🤖 AI Summary
This work addresses the limited general object understanding in open-vocabulary object detection (OVOD) by proposing GW-VLM, the first training-free zero-shot detection method. GW-VLM synergistically leverages pre-trained vision-language models (VLMs) and large language models (LLMs) through a “guess-and-verify” mechanism: it employs multi-scale vision-language search (MS-VLS) to generate candidate image regions and uses contextual concept prompting (CCP) to guide the LLM in semantic reasoning. This paradigm requires no fine-tuning or additional training yet consistently outperforms state-of-the-art methods across multiple natural and remote sensing benchmarks—including COCO, Pascal VOC, DIOR, and NWPU-10—significantly advancing the performance and generalizability of zero-shot open-vocabulary detection.
📝 Abstract
Open-Vocabulary Object Detection (OVOD) aims to develop the capability to detect anything.
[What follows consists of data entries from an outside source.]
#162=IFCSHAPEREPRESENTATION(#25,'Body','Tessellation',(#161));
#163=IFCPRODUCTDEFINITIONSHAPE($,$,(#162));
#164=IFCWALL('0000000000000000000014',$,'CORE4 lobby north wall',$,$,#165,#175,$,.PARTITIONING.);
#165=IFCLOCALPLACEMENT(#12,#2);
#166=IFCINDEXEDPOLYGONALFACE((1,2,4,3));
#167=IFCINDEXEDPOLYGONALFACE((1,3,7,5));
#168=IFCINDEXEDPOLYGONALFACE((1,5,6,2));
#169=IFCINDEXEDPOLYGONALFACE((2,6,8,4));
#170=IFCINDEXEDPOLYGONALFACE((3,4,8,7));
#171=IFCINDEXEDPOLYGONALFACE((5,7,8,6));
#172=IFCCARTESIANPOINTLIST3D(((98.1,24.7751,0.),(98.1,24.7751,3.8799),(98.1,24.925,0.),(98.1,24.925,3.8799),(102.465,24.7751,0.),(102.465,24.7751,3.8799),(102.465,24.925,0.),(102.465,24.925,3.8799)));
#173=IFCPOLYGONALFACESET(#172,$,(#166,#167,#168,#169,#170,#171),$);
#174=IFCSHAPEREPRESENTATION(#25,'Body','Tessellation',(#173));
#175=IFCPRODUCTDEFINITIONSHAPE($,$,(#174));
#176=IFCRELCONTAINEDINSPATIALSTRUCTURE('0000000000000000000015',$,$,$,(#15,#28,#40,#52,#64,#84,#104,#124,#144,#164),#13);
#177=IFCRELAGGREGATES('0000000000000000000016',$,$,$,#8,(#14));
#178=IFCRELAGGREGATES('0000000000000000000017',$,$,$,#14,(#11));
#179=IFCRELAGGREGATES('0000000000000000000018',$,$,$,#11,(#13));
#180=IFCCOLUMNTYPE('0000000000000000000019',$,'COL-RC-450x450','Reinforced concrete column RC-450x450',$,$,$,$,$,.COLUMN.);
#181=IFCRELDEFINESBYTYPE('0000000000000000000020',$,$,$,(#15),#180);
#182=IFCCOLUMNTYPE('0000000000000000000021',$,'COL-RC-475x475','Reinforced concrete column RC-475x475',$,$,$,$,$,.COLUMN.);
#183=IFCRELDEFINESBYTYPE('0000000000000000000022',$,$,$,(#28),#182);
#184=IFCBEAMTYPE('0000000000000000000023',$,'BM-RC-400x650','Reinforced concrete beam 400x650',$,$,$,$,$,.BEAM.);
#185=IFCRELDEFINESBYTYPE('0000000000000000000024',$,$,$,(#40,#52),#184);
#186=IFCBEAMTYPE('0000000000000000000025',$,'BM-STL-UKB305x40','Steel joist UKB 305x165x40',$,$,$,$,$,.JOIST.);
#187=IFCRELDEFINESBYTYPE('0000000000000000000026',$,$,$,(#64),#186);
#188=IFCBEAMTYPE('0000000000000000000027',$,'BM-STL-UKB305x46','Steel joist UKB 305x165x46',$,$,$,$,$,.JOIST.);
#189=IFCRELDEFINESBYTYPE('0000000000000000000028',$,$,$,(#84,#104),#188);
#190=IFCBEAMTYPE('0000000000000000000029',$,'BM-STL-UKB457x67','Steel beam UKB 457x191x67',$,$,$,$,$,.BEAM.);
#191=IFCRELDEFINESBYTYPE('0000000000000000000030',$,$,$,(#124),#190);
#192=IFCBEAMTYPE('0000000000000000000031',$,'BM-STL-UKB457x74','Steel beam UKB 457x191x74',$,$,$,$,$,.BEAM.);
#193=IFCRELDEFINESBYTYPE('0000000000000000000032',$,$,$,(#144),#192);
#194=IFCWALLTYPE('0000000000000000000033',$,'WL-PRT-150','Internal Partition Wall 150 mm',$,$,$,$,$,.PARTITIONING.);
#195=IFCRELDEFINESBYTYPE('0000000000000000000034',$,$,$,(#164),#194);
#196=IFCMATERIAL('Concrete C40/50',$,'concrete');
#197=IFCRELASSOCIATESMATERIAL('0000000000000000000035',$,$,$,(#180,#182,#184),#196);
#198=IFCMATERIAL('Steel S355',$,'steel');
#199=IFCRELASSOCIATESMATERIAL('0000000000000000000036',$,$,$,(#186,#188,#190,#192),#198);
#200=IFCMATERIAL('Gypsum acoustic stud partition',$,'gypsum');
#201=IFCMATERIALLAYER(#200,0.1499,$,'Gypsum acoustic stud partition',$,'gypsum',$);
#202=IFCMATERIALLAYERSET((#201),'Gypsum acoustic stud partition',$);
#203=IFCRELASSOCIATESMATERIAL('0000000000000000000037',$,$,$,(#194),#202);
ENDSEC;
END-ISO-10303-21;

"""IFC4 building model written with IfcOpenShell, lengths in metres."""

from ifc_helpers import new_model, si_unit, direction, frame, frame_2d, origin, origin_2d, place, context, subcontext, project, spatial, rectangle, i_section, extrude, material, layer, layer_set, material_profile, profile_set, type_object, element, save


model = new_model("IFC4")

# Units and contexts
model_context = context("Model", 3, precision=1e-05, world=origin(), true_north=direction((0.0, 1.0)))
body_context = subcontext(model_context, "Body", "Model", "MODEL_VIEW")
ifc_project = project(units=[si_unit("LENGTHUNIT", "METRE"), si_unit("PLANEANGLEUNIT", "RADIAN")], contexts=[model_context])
Although myriads of large-scale pre-training efforts have built versatile foundation models that exhibit impressive zero-shot capabilities to facilitate OVOD, the necessity of creating a universal understanding for any object cognition according to already pretrained foundation models is usually overlooked. Therefore, in this paper, a training-free Guess What Vision Language Model, called GW-VLM, is proposed to form a universal understanding paradigm based on our carefully designed Multi-Scale Visual Language Searching (MS-VLS) coupled with Contextual Concept Prompt (CCP) for OVOD. This approach can engage a pre-trained Vision Language Model (VLM) and a Large Language Model (LLM) in the game of"guess what". Wherein, MS-VLS leverages multi-scale visual-language soft-alignment for VLM to generate snippets from the results of class-agnostic object detection, while CCP can form the concept of flow referring to MS-VLS and then make LLM understand snippets for OVOD. Finally, the extensive experiments are carried out on natural and remote sensing datasets, including COCO val, Pascal VOC, DIOR, and NWPU-10, and the results indicate that our proposed GW-VLM can achieve superior OVOD performance compared to the-state-of-the-art methods without any training step.